Mis colmillos dolían, mi cabeza palpitaba como si un tambor de guerra golpeara dentro de mi cráneo. No estaba aquí para jugar. Me levanté y pasé junto a la tímida camarera sin decir una palabra, ignorando los susurros y ojos abiertos de par en par.

Ninguna maldita copa podía satisfacer esta hambre.

El aroma me arrastró más adentro en las sombras del bar, directamente hacia las puertas cerradas en la parte trasera. Las empujé sin cuidado, la cadena tintineando al caer rota al suelo.

Detrás de ellas, había una jaula lamentable de humanos encadenados. Cuerpos frágiles, pálidos y temblorosos, despojados de dignidad y esperanza.

Inhalé bruscamente. Entre el olor de miedo y sangre, uno me llamó. Di un paso adelante, músculos tensos. Los otros eran meros ganado. Ella era algo más.

Sin dudar, atravesé, ignorando los cuerpos que gritaban y buscaban refugio contra la pared.

Los pasos resonaron detrás de mí. El dueño irrumpió por la puerta, el pánico claramente escrito en su rostro. —¡Su Majestad, por favor! No puede—

Antes de que pudiera terminar, golpeé su garganta con mi palma, levantándolo sin esfuerzo del suelo. Sus ojos se abrieron de terror, su garganta comprimida bajo mi agarre.

—Tomaré lo que es mío —gruñí, con voz baja y letal.

Él jadeó por aire, sus manos arañando mi muñeca, pero mantuve firme, apretando lo suficiente para recordarle quién tenía el verdadero poder aquí.

Cuando lo solté, retrocedió tambaleándose, tragando fuerte, sus ojos se dirigieron a las mujeres temblorosas que aún esperaban en las sombras.

Me volví, mis ojos se fijaron en la pequeña humana acurrucada contra una pared en la esquina de la jaula. Agarré las frías barras de hierro con ambas manos, los músculos tensándose bajo mi piel.

La jaula estaba hecha para mortales, criaturas pequeñas y frágiles, pero yo no era un simple hombre. Rasgué las barras, el metal gimiendo y retorciéndose como papel.

El fuerte estruendo resonó en la habitación, ahogando los gritos aterrorizados detrás de mí. Entré, agachándome, el espacio reducido apenas conteniendo mi imponente figura.
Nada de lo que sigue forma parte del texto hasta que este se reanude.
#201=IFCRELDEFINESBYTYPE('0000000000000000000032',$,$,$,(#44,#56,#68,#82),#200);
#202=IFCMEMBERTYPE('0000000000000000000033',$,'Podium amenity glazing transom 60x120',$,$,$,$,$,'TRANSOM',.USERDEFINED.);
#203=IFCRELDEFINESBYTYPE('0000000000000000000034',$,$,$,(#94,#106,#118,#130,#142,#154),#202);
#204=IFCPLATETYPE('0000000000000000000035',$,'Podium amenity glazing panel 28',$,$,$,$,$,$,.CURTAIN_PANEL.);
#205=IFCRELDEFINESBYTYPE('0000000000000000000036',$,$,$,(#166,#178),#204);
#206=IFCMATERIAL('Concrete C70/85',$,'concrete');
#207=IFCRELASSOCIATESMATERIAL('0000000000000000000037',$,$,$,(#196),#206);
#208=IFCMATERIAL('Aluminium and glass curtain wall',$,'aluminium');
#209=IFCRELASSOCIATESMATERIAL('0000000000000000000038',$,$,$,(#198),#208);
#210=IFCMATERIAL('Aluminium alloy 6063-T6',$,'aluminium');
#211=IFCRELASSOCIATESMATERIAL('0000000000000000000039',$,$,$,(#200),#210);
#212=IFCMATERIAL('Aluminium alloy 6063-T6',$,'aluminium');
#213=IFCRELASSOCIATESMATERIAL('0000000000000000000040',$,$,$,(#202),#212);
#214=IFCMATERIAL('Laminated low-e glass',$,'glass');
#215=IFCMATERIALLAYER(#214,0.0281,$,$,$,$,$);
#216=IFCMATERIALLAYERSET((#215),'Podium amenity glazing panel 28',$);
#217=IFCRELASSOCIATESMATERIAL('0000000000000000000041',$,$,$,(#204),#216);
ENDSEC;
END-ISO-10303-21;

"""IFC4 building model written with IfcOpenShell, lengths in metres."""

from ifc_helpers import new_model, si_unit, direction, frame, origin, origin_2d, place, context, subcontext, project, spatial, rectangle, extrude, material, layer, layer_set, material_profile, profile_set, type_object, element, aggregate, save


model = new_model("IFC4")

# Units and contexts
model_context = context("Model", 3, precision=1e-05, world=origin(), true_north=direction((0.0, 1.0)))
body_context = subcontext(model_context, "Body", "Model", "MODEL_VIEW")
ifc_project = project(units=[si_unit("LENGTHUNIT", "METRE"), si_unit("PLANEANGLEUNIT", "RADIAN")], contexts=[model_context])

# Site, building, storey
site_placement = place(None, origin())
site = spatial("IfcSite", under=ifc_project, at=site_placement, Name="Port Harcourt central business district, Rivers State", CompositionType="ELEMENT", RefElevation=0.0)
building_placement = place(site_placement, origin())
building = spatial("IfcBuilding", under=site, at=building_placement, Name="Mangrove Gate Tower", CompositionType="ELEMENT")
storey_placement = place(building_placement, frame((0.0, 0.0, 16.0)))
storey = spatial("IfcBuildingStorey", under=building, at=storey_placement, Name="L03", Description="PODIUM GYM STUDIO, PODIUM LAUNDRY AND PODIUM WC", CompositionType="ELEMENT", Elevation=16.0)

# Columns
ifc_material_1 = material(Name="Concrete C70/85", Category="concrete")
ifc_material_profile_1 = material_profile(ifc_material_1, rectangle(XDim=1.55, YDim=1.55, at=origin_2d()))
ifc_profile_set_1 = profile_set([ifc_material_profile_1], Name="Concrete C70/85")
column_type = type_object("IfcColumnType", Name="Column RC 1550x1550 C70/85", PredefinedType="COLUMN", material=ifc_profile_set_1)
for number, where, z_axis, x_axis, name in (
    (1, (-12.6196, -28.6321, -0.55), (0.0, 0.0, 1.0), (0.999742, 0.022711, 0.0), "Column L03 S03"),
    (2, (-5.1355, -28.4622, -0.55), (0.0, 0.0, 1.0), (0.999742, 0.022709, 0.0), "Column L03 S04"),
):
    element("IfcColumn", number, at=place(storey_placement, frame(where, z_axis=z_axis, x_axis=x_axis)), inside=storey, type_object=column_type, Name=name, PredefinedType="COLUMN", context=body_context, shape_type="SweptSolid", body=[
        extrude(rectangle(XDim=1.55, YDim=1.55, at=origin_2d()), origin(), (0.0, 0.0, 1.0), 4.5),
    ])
Mis ojos se fijaron en ella inmediatamente.

Se apretó contra la pared del fondo, sus manos encadenadas junto a su cabeza, el hierro mordiendo su piel pálida. Sus músculos frágiles y esqueléticos apenas la mantenían en pie.

Un fino vestido blanco se pegaba a sus pantorrillas, la tierra manchando sus pies descalzos. Sus amplios ojos avellana estaban fijos en mí, el miedo y la incredulidad brillando en su profundidad.

Mi mirada ardía con una necesidad insoportable de quitarle ese vestido, de revelar la piel debajo. Ella era una obra maestra delicada, un lienzo al que me sentía atraído con una locura que apretaba mi pecho.

Cerré los ojos con fuerza, sintiéndolos cambiar bajo el peso de la cruda excitación que recorría mi cuerpo. Un bajo gruñido escapó de mis labios mientras frotaba mis párpados con fuerza, luchando por contener la tormenta dentro de mí.

Era un rey, una fuerza inquebrantable, y sin embargo aquí, en su presencia, sentía una fragilidad desgarradora que desafiaba todo lo que sabía de mí mismo.

Sus ojos nunca se apartaron de los míos. Las cadenas resonaron mientras se movía, respirando rápido, el pecho subiendo y bajando.